На какой-то момент в той тишине, паузе, он остался один, все словно бы отодвинулись, надеясь, что Новый заметит, разглядит эту вот определившуюся дистанцию. Дескать, личная инициатива, собственный интерес, не советовались, не обсуждали. Нейтральная зона, ничейная полоса, на которой лишь следы туда и обратно.
Новый хорошо ответил, объемно: «…было достаточно времени, чтобы определить свое отношение к этому событию…» Шмаков только сейчас обратил внимание: «отношение к этому событию». Он мог просто сказать — к юбилею, но он сказал — к событию. На иронию это не похоже. Лично Шмаков иронии не почувствовал.
Шмаков долго выбирал подходящий галстук, потом долго завязывал узел. Галстук получался то очень длинным, то до неприличия коротким. Если юбилей — событие, то человек, чей юбилей отмечается, з н а ч и м. Допустим, все действительно так. Но тогда почему Новый устранился? Приезжать, может, и не следовало, но позвонить… Это произвело бы впечатление. Новый поступил иначе: подписал правительственную телеграмму и делегировал Шмакова. «Вам и карты в руки», — тоже ведь сказано не просто так, какой-то намек.
— С кем ты там разговариваешь? — спросила жена.
Шмаков неловко дернул галстук, узел затянулся.
— Размышляю вслух. Надеюсь, ты одета?
— Почти. Еще пять минут. А почему Метельникову не дали орден? Все-таки вы странные люди.
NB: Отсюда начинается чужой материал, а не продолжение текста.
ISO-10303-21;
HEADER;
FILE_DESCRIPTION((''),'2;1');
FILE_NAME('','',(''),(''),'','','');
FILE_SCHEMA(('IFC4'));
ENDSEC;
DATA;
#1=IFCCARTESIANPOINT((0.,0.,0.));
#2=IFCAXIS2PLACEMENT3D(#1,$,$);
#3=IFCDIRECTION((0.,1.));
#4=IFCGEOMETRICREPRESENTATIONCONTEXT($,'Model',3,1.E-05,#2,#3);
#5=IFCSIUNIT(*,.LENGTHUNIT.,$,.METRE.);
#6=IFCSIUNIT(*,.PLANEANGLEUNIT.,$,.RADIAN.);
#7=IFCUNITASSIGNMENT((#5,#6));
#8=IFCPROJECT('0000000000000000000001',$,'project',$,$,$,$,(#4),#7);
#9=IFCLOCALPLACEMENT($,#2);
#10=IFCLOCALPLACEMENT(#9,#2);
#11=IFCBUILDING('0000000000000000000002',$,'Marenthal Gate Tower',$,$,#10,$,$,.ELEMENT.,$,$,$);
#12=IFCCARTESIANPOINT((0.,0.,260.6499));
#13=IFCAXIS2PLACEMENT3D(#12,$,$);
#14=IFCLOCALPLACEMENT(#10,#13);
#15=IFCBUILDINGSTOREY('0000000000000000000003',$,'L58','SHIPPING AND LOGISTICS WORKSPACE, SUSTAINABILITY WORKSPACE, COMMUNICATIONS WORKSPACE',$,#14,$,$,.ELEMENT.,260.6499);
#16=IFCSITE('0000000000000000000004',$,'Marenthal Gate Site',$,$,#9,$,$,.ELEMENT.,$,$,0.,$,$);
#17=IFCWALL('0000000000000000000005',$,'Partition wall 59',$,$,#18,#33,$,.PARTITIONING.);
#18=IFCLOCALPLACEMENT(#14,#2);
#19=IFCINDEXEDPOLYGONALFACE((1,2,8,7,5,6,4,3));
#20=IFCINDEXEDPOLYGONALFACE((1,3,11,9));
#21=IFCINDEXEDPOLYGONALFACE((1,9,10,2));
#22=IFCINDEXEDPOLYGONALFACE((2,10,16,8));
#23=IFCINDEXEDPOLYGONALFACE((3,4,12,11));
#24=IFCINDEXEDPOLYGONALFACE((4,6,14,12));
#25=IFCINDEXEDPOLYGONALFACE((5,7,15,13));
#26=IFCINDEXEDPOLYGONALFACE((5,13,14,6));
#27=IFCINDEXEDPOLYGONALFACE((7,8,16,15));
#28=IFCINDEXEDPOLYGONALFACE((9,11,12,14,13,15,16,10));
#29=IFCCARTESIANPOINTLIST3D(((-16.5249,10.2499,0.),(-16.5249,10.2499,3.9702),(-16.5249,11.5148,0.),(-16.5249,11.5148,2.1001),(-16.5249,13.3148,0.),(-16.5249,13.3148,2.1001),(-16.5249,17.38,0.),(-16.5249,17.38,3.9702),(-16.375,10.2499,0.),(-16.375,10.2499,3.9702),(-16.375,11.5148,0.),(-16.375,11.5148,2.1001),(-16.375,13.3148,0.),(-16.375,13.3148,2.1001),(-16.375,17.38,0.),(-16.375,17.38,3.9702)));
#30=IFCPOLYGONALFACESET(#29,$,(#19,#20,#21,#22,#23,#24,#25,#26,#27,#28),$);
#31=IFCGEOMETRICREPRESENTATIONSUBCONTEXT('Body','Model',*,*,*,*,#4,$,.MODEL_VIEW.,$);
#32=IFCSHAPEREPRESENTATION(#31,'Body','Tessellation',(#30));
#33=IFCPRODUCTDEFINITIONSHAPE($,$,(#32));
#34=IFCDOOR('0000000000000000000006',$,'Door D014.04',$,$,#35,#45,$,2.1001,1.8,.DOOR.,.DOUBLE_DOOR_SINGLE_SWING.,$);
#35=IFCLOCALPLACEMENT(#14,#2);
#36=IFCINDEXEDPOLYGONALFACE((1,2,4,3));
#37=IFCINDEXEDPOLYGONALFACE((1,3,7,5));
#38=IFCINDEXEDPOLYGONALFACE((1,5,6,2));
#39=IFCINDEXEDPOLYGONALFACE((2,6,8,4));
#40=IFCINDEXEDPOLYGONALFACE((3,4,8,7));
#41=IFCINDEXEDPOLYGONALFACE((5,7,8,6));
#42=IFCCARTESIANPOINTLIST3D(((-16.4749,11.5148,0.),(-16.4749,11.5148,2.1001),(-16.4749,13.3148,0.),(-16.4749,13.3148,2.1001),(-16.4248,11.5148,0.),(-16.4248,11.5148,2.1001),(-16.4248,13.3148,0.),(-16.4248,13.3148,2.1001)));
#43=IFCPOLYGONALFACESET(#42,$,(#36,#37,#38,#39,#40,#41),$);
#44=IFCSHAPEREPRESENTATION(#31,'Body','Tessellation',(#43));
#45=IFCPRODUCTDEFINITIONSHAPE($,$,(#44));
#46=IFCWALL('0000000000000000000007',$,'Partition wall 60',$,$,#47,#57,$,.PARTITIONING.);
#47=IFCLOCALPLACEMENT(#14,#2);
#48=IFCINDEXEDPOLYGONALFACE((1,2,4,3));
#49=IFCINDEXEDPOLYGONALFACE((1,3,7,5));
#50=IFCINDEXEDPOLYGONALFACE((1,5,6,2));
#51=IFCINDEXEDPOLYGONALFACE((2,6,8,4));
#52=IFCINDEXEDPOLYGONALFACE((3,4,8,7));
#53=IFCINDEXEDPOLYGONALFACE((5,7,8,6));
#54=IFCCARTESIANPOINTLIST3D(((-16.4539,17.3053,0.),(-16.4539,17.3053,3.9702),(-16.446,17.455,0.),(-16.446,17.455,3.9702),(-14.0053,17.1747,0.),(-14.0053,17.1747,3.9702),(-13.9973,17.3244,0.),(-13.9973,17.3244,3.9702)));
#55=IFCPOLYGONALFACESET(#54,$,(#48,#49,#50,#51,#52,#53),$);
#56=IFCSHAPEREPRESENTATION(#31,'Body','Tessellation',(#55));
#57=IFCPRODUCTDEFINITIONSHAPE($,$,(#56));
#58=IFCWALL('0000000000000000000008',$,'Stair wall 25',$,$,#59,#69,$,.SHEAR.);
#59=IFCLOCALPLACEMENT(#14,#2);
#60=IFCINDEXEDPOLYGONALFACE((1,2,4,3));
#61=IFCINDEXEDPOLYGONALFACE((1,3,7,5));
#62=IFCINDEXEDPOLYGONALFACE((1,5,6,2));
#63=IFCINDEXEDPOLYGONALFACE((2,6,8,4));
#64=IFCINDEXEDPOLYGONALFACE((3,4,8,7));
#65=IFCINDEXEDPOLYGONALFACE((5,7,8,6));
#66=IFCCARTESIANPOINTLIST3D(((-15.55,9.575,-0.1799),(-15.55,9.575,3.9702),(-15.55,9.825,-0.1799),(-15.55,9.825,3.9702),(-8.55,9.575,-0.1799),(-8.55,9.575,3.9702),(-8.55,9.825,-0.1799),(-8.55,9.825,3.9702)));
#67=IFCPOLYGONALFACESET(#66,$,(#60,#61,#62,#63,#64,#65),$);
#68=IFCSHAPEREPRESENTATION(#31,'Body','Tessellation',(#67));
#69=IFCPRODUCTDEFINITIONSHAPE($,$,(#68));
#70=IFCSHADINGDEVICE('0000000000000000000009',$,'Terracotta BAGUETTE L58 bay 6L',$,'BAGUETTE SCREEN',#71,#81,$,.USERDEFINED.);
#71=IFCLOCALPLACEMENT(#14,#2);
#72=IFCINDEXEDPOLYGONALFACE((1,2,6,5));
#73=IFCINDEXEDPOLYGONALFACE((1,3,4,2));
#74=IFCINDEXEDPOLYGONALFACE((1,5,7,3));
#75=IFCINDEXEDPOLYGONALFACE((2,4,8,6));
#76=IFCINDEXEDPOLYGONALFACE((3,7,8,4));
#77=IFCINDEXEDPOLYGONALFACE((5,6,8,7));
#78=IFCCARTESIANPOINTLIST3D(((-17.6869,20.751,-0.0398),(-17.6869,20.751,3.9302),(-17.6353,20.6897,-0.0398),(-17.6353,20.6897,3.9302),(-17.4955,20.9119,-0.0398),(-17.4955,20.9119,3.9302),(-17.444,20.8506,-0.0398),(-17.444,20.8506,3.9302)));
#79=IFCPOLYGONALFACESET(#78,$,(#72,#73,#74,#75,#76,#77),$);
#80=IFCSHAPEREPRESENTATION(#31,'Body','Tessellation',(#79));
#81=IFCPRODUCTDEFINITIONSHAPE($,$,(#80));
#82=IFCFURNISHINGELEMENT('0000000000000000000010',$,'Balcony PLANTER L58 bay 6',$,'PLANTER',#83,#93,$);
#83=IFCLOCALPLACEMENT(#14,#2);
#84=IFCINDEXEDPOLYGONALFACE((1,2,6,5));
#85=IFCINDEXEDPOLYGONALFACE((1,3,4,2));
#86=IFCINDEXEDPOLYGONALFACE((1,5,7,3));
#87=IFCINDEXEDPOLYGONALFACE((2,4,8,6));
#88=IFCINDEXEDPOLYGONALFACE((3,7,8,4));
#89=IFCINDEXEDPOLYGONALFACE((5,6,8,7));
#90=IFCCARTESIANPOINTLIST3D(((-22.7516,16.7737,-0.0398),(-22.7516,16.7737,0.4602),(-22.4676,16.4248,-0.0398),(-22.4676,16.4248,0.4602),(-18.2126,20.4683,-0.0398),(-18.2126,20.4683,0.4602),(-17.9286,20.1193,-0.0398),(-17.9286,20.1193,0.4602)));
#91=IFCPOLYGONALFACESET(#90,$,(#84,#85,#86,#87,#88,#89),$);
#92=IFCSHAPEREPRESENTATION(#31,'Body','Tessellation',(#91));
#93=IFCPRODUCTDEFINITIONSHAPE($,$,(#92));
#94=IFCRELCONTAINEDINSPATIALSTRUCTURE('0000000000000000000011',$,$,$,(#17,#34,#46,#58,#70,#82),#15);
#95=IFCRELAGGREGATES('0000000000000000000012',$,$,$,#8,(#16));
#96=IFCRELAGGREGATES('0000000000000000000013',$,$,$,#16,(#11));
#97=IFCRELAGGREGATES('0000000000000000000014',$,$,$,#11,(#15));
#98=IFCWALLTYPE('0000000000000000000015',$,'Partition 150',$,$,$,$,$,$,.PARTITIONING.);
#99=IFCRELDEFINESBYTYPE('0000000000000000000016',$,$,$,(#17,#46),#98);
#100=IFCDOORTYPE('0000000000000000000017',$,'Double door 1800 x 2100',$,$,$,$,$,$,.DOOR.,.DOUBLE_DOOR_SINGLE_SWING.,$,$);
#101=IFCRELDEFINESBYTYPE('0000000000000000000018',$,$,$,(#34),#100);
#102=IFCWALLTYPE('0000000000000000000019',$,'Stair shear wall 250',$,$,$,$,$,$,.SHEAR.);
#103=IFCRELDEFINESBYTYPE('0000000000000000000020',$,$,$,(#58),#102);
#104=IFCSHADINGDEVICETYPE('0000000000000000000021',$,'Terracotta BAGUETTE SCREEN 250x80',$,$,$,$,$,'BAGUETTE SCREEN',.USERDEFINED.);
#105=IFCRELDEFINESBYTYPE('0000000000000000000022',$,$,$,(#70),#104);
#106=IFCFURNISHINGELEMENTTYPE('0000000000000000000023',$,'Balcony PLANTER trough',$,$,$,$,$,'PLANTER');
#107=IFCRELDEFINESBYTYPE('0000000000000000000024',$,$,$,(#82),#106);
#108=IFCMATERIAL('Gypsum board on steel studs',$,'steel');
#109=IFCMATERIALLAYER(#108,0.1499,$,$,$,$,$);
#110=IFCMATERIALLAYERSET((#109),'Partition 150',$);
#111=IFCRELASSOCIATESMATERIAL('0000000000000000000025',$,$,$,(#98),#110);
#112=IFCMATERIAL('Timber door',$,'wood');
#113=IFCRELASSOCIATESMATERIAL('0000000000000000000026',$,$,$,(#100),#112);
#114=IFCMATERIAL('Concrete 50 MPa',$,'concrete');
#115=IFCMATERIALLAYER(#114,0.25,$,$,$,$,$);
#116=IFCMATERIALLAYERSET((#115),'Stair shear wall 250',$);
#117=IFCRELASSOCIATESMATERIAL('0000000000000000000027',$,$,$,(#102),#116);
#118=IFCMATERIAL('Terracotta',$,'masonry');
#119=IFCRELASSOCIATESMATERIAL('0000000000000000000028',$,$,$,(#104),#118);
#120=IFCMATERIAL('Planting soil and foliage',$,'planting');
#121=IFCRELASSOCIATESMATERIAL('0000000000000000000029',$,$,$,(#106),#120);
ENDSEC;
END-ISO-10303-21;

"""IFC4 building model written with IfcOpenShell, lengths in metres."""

from ifc_helpers import new_model, si_unit, direction, frame, frame_2d, origin, origin_2d, place, context, subcontext, project, spatial, rectangle, extrude, material, layer, layer_set, material_profile, profile_set, type_object, element, fill, save


model = new_model("IFC4")

# Units and contexts
model_context = context("Model", 3, precision=1e-05, world=origin(), true_north=direction((0.0, 1.0)))
body_context = subcontext(model_context, "Body", "Model", "MODEL_VIEW")
ifc_project = project(units=[si_unit("LENGTHUNIT", "METRE"), si_unit("PLANEANGLEUNIT", "RADIAN")], contexts=[model_context])

# Site, building, storey
site_placement = place(None, origin())
site = spatial("IfcSite", under=ifc_project, at=site_placement, Name="Marenthal Gate Site", CompositionType="ELEMENT", RefElevation=0.0)
building_placement = place(site_placement, origin())
building = spatial("IfcBuilding", under=site, at=building_placement, Name="Marenthal Gate Tower", CompositionType="ELEMENT")
storey_placement = place(building_placement, frame((0.0, 0.0, 260.6499)))
storey = spatial("IfcBuildingStorey", under=building, at=storey_placement, Name="L58", Description="SHIPPING AND LOGISTICS WORKSPACE, SUSTAINABILITY WORKSPACE, COMMUNICATIONS WORKSPACE", CompositionType="ELEMENT", Elevation=260.6499)

# Shared definitions
ifc_material_1 = material(Name="Gypsum board on steel studs", Category="steel")
ifc_layer_1 = layer(ifc_material_1, 0.1499)
ifc_layer_set_1 = layer_set([ifc_layer_1], Name="Partition 150")
wall_type_1 = type_object("IfcWallType", Name="Partition 150", PredefinedType="PARTITIONING", material=ifc_layer_set_1)

# Wall, opening, door
wall_1_placement = place(storey_placement, frame((-16.45, 10.25, 0.0), z_axis=(0.0, 0.0, 1.0), x_axis=(0.0, 1.0, 0.0)))
wall_1 = element("IfcWall", 1, at=wall_1_placement, inside=storey, type_object=wall_type_1, Name="Partition wall 59", PredefinedType="PARTITIONING", context=body_context, shape_type="SweptSolid", body=[
    extrude(rectangle(XDim=7.1301, YDim=0.1499, at=frame_2d((3.5649, 0.0))), origin(), (0.0, 0.0, 1.0), 3.9702),
])
opening_1_placement = place(wall_1_placement, frame((1.2649, 0.0, 0.0)))
opening_1 = element("IfcOpeningElement", 2, at=opening_1_placement, cuts=wall_1, PredefinedType="OPENING", context=body_context, shape_type="SweptSolid", body=[
    extrude(rectangle(XDim=1.8, YDim=2.1001, at=frame_2d((0.8999, 1.05))), frame((0.0, 0.085, 0.0), z_axis=(0.0, -1.0, 0.0), x_axis=(1.0, 0.0, 0.0)), (0.0, 0.0, 1.0), 0.1699),
])
ifc_material_2 = material(Name="Timber door", Category="wood")
door_type_1 = type_object("IfcDoorType", Name="Double door 1800 x 2100", OperationType="DOUBLE_DOOR_SINGLE_SWING", PredefinedType="DOOR", material=ifc_material_2)
door_1_placement = place(opening_1_placement, origin())
door_1 = element("IfcDoor", 3, at=door_1_placement, inside=storey, type_object=door_type_1, Name="Door D014.04", OperationType="DOUBLE_DOOR_SINGLE_SWING", OverallHeight=2.1001, OverallWidth=1.8, PredefinedType="DOOR", context=body_context, shape_type="SweptSolid", body=[
    extrude(rectangle(XDim=1.8, YDim=2.1001, at=frame_2d((0.8999, 1.05))), frame((0.0, 0.0249, 0.0), z_axis=(0.0, -1.0, 0.0), x_axis=(1.0, 0.0, 0.0)), (0.0, 0.0, 1.0), 0.05),
])
fill(opening_1, door_1)

# Walls
wall_2_placement = place(storey_placement, frame((-16.45, 17.3801, 0.0), z_axis=(0.0, 0.0, 1.0), x_axis=(0.99858, -0.053264, 0.0)))
element("IfcWall", 4, at=wall_2_placement, inside=storey, type_object=wall_type_1, Name="Partition wall 60", PredefinedType="PARTITIONING", context=body_context, shape_type="SweptSolid", body=[
    extrude(rectangle(XDim=2.4521, YDim=0.1499, at=frame_2d((1.2261, 0.0))), origin(), (0.0, 0.0, 1.0), 3.9702),
])
ifc_material_3 = material(Name="Concrete 50 MPa", Category="concrete")
ifc_layer_2 = layer(ifc_material_3, 0.25)
ifc_layer_set_2 = layer_set([ifc_layer_2], Name="Stair shear wall 250")
wall_type_2 = type_object("IfcWallType", Name="Stair shear wall 250", PredefinedType="SHEAR", material=ifc_layer_set_2)
wall_3_placement = place(storey_placement, frame((-15.55, 9.7, -0.1799), z_axis=(0.0, 0.0, 1.0), x_axis=(1.0, 0.0, 0.0)))
element("IfcWall", 5, at=wall_3_placement, inside=storey, type_object=wall_type_2, Name="Stair wall 25", PredefinedType="SHEAR", context=body_context, shape_type="SweptSolid", body=[
    extrude(rectangle(XDim=7.0, YDim=0.25, at=frame_2d((3.5, 0.0))), origin(), (0.0, 0.0, 1.0), 4.1501),
])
Шмаков обернулся на голос жены. Нечто похожее на беспокойство шевельнулось в душе. Этот вопрос в его доме задается уже не в первый раз. Ответил нарочито громко:
— Ты меня уже спрашивала об этом.
— Возможно, не помню. Значит, ты мне не ответил.
Подарок надо завернуть, подумал Шмаков. Где скотч? Получится что-то вроде бумажного мешка.
— Ты же знаешь, как я отношусь к Метельникову. В это непростое время… — Шмаков сделал паузу, ему хотелось, чтобы жена прониклась, чтобы непременно спросила, что значит «непростое», и уж тогда он, Шмаков, не пожалеет красок. Но жена осталась безучастной, и это уязвило его, он заговорил обиженно, запальчиво: — Да-да, непростое! Погиб Дармотов, затем эти внезапные кадровые перемены. Мне позвонили: остается ли в силе наше представление на орден? Я мог сказать что угодно: повремените, мог отозвать документы, сослаться на новые обстоятельства — стоит ли спешить, еще целый год до конца пятилетки, да мало ли формальных придирок, если кому-то не терпится совершить пакость! Ничего подобного я не сделал. Все остается в силе, сказал я. Как видишь, меня не в чем упрекнуть. Я никогда не выступал против Метельникова!